Lawyers can work in multiple states they are licensed ie passed the bar in that state
_Posted via Mobile Device_


----------



## somuchinlove (Oct 10, 2011)

Yeah, so H is using some weird lawyer with a bad rap to get him a cheap D! The D papers will be mailed to him by Monday and then we will decide who gets what! This is unbelievable! Why would anyone in this country take marriage seriously when you can get a D through the mail? I wonder if H knows that he legally can't file for another week because we haven't lived in our current county for 90 days? Who cares? He can figure it out for himself!


----------



## somuchinlove (Oct 10, 2011)

Does anyone know how a divorce through the mail works? Is there anything I should do to protect myself? Do I need to talk to a lawyer?


----------



## that_girl (Jul 6, 2011)

Yes, talk to a lawyer.


----------



## somuchinlove (Oct 10, 2011)

I got the papers in the mail today. They look like something that I could type and print on my computer. Going through the papers, I realized that they made a mistake when they were writing the papers. My H has said that I get to keep our car and he will keep our truck. I agree to this 100%. Only in the D papers, it says that he get both and I get nothing. Right now, I am waiting for H to get home from the gym so that we can go over this together. I am kind of nervous that he is going to get angry because I am not signing anything the way it is worded right now.


----------



## Sod (Aug 20, 2011)

Definitely dont sign anything you are not comfortable with. Dont worry about he will take it, YOU need to be comfortable with signing a legal binding document. I would recommend reviewing any documents with a lawyer before signing to make sure you are protected


----------



## somuchinlove (Oct 10, 2011)

So I told H about the mistake in the D papers. Without even looking at them, he said "oh don't worry. I will get it taken care of." He didn't ask to see the papers or anything. Personally, his actions have not been leaning towards D. Could he be having a change of heart? I thought he would be livid because I wouldn't sign the papers. He has been talking about these papers for over a week. Now that they are here, he doesn't seem so enthusiastic all of the sudden.


----------



## gonefishin (Oct 7, 2011)

somuchinlove:

Good move do not sign anything. I assume their are no children based on your post.

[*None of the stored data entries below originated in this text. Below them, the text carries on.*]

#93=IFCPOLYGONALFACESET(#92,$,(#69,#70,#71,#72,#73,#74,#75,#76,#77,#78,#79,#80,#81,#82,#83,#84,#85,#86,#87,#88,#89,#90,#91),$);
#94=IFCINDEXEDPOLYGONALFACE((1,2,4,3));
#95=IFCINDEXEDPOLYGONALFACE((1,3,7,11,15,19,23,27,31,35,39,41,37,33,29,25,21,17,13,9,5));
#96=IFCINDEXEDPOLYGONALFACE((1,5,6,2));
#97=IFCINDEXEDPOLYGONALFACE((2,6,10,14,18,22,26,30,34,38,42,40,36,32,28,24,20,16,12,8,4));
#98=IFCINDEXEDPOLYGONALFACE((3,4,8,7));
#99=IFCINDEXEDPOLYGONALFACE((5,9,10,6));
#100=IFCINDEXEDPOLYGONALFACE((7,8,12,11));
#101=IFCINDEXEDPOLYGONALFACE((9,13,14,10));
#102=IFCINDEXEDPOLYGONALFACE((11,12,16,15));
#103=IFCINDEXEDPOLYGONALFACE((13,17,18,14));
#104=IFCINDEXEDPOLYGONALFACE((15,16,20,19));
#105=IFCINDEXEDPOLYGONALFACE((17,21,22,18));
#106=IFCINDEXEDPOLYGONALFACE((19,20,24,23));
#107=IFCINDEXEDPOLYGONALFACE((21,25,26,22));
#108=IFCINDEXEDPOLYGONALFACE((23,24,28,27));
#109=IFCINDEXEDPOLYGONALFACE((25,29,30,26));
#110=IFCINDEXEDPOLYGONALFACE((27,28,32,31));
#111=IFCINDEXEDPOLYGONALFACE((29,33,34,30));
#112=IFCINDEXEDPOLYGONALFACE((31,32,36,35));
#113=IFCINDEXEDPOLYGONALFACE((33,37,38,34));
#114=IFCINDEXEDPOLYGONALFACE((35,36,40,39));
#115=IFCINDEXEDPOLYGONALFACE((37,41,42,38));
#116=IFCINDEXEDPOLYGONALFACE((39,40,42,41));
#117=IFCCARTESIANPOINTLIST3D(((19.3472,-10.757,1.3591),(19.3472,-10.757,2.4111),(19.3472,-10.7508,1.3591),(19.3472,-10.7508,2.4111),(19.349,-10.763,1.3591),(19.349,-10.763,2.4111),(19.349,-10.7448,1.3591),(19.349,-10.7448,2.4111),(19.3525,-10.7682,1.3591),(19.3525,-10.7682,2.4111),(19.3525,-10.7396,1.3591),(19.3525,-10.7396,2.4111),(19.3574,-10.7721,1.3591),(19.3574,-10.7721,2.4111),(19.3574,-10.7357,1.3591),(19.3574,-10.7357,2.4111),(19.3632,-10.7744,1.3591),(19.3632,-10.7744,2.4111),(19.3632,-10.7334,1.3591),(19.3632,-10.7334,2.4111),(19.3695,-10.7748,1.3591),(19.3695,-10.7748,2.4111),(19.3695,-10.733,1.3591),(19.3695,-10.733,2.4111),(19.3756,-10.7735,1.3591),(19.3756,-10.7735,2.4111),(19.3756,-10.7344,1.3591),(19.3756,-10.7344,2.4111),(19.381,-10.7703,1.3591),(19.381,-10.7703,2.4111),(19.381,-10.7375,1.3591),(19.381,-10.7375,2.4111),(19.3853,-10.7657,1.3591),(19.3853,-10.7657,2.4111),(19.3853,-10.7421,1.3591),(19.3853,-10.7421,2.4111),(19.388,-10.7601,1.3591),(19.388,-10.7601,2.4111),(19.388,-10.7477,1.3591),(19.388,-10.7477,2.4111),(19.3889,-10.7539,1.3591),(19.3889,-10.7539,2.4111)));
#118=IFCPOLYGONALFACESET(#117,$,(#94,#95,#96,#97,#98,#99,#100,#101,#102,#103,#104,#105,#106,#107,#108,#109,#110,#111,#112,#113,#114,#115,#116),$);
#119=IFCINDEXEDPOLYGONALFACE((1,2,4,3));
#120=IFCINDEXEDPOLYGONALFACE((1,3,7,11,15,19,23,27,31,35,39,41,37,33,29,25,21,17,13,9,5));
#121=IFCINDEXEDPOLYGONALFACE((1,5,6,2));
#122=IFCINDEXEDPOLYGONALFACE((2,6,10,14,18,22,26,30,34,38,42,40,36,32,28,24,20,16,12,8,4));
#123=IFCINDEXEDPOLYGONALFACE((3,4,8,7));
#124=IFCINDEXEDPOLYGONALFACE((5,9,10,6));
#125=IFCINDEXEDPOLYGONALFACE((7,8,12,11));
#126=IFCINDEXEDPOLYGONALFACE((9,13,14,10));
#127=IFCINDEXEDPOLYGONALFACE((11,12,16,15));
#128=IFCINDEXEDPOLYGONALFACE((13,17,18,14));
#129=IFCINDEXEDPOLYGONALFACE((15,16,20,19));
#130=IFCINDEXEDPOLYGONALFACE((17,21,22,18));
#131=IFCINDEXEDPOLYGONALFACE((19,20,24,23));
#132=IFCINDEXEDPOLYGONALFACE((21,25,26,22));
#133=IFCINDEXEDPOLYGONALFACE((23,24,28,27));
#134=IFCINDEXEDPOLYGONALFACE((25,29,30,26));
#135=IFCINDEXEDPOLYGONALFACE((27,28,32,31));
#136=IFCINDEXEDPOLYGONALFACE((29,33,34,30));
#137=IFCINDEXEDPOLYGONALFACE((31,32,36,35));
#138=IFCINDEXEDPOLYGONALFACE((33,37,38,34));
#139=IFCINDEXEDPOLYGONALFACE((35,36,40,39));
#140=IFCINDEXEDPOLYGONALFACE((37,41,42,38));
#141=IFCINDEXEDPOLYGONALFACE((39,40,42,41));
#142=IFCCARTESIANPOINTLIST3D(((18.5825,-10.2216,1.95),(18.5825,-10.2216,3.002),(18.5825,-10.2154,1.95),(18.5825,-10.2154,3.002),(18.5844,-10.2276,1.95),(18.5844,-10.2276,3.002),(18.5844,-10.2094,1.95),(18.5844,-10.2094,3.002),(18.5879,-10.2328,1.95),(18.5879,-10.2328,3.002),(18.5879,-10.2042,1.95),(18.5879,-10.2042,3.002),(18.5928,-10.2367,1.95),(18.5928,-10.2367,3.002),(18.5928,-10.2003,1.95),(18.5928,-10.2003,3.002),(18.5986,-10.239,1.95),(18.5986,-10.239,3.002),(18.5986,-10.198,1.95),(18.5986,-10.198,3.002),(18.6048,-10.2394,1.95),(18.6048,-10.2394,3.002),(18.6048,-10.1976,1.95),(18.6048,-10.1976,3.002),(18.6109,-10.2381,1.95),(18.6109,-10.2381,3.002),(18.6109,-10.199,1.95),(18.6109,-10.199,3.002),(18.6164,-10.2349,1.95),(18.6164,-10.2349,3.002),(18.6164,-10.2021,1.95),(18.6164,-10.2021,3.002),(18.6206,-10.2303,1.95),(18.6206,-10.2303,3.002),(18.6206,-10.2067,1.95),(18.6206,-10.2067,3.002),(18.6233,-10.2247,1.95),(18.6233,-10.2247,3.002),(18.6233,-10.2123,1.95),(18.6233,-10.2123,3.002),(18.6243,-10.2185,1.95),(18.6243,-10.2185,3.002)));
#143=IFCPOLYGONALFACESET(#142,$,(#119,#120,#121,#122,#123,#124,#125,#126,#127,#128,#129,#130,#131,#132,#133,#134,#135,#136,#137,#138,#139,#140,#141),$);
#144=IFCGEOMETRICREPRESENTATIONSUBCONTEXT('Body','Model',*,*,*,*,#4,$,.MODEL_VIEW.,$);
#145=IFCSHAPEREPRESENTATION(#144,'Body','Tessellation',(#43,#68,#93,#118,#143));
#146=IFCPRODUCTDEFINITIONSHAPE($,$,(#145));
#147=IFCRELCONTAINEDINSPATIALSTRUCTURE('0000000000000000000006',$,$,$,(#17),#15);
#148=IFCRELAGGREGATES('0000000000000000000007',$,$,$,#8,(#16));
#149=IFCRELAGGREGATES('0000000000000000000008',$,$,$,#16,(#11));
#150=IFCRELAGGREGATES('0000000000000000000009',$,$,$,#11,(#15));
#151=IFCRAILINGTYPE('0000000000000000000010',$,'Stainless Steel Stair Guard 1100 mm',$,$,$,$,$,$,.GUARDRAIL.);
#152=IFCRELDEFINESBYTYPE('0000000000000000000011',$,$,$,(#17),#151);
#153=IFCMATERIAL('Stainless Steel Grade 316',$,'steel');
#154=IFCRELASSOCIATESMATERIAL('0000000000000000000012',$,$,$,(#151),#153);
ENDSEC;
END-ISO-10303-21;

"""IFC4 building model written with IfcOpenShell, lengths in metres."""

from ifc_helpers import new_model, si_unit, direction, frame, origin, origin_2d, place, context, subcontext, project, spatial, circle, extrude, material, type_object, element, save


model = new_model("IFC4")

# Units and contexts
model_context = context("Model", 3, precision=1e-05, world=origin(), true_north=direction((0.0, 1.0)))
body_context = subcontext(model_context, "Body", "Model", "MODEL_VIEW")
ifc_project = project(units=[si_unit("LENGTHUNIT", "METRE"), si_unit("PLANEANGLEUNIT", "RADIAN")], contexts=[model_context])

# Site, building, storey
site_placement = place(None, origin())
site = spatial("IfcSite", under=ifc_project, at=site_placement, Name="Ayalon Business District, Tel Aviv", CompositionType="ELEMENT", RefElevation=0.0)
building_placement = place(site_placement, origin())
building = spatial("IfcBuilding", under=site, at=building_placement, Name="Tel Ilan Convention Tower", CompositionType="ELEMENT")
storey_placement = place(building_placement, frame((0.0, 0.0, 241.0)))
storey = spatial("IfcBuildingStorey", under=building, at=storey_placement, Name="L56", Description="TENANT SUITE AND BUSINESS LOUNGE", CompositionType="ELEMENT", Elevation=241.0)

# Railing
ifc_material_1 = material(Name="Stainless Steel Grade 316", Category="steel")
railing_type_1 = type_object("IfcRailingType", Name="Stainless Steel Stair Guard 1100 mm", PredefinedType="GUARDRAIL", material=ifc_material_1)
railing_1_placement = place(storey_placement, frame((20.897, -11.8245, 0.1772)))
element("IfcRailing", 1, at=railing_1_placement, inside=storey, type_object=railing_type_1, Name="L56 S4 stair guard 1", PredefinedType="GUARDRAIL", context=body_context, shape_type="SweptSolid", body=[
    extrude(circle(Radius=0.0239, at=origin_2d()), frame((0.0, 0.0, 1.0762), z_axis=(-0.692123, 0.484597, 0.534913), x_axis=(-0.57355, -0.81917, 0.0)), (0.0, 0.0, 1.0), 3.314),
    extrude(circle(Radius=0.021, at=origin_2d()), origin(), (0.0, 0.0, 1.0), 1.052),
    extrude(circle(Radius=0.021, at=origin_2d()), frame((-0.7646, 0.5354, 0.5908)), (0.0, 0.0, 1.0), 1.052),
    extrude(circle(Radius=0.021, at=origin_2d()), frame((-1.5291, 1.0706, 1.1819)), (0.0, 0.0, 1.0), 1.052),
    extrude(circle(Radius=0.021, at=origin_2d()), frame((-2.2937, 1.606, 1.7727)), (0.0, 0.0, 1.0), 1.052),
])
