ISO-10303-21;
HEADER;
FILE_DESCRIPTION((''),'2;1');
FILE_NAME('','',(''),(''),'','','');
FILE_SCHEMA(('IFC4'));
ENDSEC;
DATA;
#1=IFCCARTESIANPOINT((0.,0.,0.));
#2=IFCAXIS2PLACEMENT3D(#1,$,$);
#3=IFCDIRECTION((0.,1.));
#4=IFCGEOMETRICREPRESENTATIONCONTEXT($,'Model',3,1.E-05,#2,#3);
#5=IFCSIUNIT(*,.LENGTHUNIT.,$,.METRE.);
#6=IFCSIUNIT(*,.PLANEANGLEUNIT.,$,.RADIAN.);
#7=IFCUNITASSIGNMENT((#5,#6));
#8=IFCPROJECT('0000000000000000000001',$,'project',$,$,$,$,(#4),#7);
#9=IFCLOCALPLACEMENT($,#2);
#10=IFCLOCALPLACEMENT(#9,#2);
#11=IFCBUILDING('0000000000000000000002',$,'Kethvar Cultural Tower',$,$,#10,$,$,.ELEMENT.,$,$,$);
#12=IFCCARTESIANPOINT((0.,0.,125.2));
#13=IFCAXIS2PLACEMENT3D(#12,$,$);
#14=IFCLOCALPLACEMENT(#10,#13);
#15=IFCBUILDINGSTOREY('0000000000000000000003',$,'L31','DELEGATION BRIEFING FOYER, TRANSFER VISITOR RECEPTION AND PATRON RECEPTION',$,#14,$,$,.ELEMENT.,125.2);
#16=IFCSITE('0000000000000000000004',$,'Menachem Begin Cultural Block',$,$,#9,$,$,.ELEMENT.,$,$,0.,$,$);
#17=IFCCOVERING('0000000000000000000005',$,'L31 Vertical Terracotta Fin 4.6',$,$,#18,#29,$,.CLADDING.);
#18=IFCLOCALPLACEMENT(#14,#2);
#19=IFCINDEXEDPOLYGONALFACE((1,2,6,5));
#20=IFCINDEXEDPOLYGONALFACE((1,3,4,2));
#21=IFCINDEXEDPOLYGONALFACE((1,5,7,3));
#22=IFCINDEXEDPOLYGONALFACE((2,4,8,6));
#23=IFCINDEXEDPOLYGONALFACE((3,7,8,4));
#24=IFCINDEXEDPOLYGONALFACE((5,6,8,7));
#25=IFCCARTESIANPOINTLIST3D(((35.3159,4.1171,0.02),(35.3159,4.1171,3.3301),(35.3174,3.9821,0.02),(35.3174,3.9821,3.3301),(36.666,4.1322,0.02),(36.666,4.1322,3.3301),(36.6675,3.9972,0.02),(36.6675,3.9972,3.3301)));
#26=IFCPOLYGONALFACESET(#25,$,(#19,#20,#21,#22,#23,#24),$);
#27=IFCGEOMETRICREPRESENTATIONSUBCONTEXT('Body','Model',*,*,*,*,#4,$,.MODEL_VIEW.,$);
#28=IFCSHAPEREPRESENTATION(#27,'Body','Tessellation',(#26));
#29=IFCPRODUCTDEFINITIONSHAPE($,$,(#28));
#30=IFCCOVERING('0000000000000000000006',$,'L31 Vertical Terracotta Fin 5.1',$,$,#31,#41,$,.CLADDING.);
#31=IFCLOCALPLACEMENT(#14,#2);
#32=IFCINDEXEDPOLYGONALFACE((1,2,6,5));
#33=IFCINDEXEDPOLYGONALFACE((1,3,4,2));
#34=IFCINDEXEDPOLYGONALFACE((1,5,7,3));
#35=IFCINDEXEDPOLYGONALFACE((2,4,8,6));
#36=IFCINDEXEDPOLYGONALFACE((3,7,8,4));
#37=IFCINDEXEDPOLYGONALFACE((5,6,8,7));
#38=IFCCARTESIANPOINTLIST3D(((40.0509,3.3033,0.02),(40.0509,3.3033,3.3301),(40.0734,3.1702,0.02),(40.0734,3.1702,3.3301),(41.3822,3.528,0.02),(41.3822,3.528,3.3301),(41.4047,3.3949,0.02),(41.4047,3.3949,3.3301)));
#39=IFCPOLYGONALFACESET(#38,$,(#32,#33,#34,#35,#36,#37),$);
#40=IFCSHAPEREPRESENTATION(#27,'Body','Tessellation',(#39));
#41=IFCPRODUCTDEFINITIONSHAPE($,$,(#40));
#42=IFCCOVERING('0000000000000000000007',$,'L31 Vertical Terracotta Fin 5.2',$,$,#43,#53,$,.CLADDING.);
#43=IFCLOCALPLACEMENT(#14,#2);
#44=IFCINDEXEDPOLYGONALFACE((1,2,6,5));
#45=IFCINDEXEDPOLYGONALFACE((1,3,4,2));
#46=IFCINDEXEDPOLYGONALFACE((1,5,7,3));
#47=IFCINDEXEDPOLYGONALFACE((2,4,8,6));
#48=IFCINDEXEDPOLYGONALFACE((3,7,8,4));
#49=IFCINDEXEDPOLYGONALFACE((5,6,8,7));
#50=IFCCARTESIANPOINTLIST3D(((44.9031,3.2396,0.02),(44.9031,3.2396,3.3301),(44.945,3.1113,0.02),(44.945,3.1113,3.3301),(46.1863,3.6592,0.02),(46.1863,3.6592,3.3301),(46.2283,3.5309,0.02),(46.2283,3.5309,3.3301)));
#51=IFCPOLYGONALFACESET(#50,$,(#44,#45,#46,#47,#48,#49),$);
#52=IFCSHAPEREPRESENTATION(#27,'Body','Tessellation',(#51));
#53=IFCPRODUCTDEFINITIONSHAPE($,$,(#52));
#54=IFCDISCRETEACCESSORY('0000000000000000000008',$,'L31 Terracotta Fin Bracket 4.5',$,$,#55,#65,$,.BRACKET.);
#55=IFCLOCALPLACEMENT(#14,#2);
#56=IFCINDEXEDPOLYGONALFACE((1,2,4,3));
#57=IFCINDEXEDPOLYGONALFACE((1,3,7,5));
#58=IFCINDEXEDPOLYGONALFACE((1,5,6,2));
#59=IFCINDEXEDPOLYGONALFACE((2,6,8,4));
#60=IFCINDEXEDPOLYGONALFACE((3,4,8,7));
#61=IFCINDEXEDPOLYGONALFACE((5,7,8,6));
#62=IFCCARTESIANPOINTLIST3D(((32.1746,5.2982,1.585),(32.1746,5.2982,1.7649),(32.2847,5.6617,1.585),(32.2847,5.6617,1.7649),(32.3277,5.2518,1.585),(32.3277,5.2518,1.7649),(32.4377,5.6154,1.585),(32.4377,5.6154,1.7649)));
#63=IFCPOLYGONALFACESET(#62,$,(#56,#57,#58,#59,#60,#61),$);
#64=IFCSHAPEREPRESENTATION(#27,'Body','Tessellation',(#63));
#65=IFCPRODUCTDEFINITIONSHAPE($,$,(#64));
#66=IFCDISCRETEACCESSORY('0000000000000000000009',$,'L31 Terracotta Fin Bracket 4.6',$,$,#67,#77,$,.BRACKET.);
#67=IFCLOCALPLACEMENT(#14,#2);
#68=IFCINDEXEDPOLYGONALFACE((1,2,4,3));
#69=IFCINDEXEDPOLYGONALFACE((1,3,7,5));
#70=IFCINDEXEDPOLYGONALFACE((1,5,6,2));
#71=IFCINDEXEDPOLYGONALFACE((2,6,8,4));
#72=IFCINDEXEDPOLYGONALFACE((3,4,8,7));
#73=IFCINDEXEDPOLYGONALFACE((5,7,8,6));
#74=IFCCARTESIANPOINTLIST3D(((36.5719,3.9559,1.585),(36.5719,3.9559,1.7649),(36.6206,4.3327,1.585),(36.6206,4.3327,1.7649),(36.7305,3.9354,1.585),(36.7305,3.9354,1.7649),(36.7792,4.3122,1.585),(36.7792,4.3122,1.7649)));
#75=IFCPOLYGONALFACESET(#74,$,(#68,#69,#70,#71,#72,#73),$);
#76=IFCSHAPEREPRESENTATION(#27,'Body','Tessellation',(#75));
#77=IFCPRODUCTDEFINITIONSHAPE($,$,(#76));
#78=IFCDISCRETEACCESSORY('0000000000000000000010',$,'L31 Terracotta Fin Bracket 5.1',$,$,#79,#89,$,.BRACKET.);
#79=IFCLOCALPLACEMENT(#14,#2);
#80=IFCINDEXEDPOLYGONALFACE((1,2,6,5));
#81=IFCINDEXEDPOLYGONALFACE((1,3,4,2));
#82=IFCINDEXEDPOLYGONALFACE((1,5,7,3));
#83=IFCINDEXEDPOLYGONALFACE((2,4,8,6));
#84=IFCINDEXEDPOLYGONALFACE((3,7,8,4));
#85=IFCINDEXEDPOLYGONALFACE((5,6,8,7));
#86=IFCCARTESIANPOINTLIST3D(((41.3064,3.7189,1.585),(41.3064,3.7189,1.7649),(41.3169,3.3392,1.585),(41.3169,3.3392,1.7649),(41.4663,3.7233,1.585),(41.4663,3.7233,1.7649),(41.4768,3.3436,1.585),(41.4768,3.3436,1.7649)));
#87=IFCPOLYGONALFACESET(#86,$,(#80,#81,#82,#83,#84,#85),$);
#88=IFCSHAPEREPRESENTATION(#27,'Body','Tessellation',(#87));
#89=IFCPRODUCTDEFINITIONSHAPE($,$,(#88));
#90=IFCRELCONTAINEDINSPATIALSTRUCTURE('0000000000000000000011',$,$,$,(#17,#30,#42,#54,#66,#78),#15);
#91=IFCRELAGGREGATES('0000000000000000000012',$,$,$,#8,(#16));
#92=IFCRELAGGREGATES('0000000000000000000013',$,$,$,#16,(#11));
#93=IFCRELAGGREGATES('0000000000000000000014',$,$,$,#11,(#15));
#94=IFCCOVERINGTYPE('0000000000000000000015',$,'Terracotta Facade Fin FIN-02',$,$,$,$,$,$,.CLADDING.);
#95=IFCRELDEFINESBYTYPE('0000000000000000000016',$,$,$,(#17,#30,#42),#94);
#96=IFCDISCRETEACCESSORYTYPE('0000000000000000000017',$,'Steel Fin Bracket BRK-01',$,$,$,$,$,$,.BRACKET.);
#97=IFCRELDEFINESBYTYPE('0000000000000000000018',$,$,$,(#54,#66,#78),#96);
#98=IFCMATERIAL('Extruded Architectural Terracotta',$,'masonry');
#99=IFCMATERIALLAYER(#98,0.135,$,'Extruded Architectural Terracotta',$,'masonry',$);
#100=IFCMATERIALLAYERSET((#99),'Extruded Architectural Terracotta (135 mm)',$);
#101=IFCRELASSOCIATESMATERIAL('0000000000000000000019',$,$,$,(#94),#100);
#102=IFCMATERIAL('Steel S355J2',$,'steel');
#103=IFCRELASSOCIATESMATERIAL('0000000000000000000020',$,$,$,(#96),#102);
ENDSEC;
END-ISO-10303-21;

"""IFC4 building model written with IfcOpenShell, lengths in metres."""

from ifc_helpers import new_model, si_unit, direction, frame, origin, origin_2d, place, context, subcontext, project, spatial, rectangle, extrude, source, transform, mapped, material, layer, layer_set, type_object, element, save


model = new_model("IFC4")

# Units and contexts
model_context = context("Model", 3, precision=1e-05, world=origin(), true_north=direction((0.0, 1.0)))
body_context = subcontext(model_context, "Body", "Model", "MODEL_VIEW")
ifc_project = project(units=[si_unit("LENGTHUNIT", "METRE"), si_unit("PLANEANGLEUNIT", "RADIAN")], contexts=[model_context])

# Site, building, storey
site_placement = place(None, origin())
site = spatial("IfcSite", under=ifc_project, at=site_placement, Name="Menachem Begin Cultural Block", CompositionType="ELEMENT", RefElevation=0.0)
building_placement = place(site_placement, origin())
building = spatial("IfcBuilding", under=site, at=building_placement, Name="Kethvar Cultural Tower", CompositionType="ELEMENT")
storey_placement = place(building_placement, frame((0.0, 0.0, 125.2)))
storey = spatial("IfcBuildingStorey", under=building, at=storey_placement, Name="L31", Description="DELEGATION BRIEFING FOYER, TRANSFER VISITOR RECEPTION AND PATRON RECEPTION", CompositionType="ELEMENT", Elevation=125.2)

# Shared definitions
ifc_material_1 = material(Name="Steel S355J2", Category="steel")

# Coverings
ifc_material_2 = material(Name="Extruded Architectural Terracotta", Category="masonry")
ifc_layer_1 = layer(ifc_material_2, 0.135, Name="Extruded Architectural Terracotta", Category="masonry")
ifc_layer_set_1 = layer_set([ifc_layer_1], Name="Extruded Architectural Terracotta (135 mm)")
covering_type = type_object("IfcCoveringType", Name="Terracotta Facade Fin FIN-02", PredefinedType="CLADDING", material=ifc_layer_set_1)
shared_shape_1 = source(origin(), body_context, "Body", "SweptSolid", [
    extrude(rectangle(XDim=1.3501, YDim=0.135, at=origin_2d()), origin(), (0.0, 0.0, 1.0), 3.3101),
])
for number, where, z_axis, x_axis, name in (
    (1, (35.9917, 4.0571, 0.02), (0.0, 0.0, 1.0), (-0.999938, -0.01117, 0.0), "L31 Vertical Terracotta Fin 4.6"),
    (2, (40.7278, 3.3491, 0.02), (0.0, 0.0, 1.0), (-0.986054, -0.166425, 0.0), "L31 Vertical Terracotta Fin 5.1"),
    (3, (45.5657, 3.3853, 0.02), (0.0, 0.0, 1.0), (-0.950461, -0.310842, 0.0), "L31 Vertical Terracotta Fin 5.2"),
):
    element("IfcCovering", number, at=place(storey_placement, frame(where, z_axis=z_axis, x_axis=x_axis)), inside=storey, type_object=covering_type, Name=name, PredefinedType="CLADDING", context=body_context, shape_type="MappedRepresentation", body=[
        mapped(shared_shape_1, transform((0.0, 0.0, 0.0), scale=1.0)),
    ])

# Discrete accessories
discrete_accessory_type = type_object("IfcDiscreteAccessoryType", Name="Steel Fin Bracket BRK-01", PredefinedType="BRACKET", material=ifc_material_1)
shared_shape_2 = source(origin(), body_context, "Body", "SweptSolid", [
    extrude(rectangle(XDim=0.3799, YDim=0.1599, at=origin_2d()), origin(), (0.0, 0.0, 1.0), 0.1799),
])
for number, where, z_axis, x_axis, name in (
    (4, (32.3062, 5.4568, 1.585), (0.0, 0.0, 1.0), (-0.2897, -0.957117, 0.0), "L31 Terracotta Fin Bracket 4.5"),
    (5, (36.6755, 4.134, 1.585), (0.0, 0.0, 1.0), (-0.128103, -0.991761, 0.0), "L31 Terracotta Fin Bracket 4.6"),
    (6, (41.3916, 3.5312, 1.585), (0.0, 0.0, 1.0), (0.027573, -0.99962, 0.0), "L31 Terracotta Fin Bracket 5.1"),
):
    element("IfcDiscreteAccessory", number, at=place(storey_placement, frame(where, z_axis=z_axis, x_axis=x_axis)), inside=storey, type_object=discrete_accessory_type, Name=name, PredefinedType="BRACKET", context=body_context, shape_type="MappedRepresentation", body=[
        mapped(shared_shape_2, transform((0.0, 0.0, 0.0), scale=1.0)),
    ])

save(model, "model.ifc")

What about cash on hand? Are there other assets? Who is making what in income? What are the autos worth? For example if his truck is worth 20k and your car is work 10k and they are both paid for, he owes you the difference 5k.

Has he been hiding money over the last year? Sounds like he wants to push this through quick using an out of state lawyer.

Get his lawyers name and address. From this you call the Texas bar make sure his lawyer has a license to practice in your state.


----------



## somuchinlove (Oct 10, 2011)

gonefishin said:


> somuchinlove:
> 
> Good move do not sign anything. I assume their are no children based on your post.
> 
> ...


My H is actually still giving me cash on a weekly basis. He has also continued t pay all the bills. He is the only one who works and has been for two years. We don't have any other major assets. His truck is brand new and he is still paying on it. My car is paid off. 

I know he has one account that we direct deposit money into every week. We usually use it to pay our mortgage at the end of the month. If he has another account somewhere, I do not know about it at all. My H is not good with money either. He is the type to get his paycheck and hand it over to me so I can handle all the finances.

It has seemed like he wanted this D to happen ASAP, but his actions aren't matching his words anymore. HE didn't even look at the D papers at all. The company he went through is Budget Conscious Divorce aka. AAA Divorce and Mediation Services aka. Crossroads Agency aka. American Budget Divorce Services. So far I have learned that the manager there is Jeff Nalley. I don't think that there is actually a lawyer that works there. I tried to find him in the Texas and Oklahoma Bar Association but came up with nothing. The only thing that I can find out about this business is the phone number and address. It is really fishy to me though.

Has anybody used this company before? Is it legit?


----------



## gonefishin (Oct 7, 2011)

Do not sign anything.

Are your parents around to advise you on this. Can they help you with a legal fees? I have no idea what your husband is up to, but this is very strange.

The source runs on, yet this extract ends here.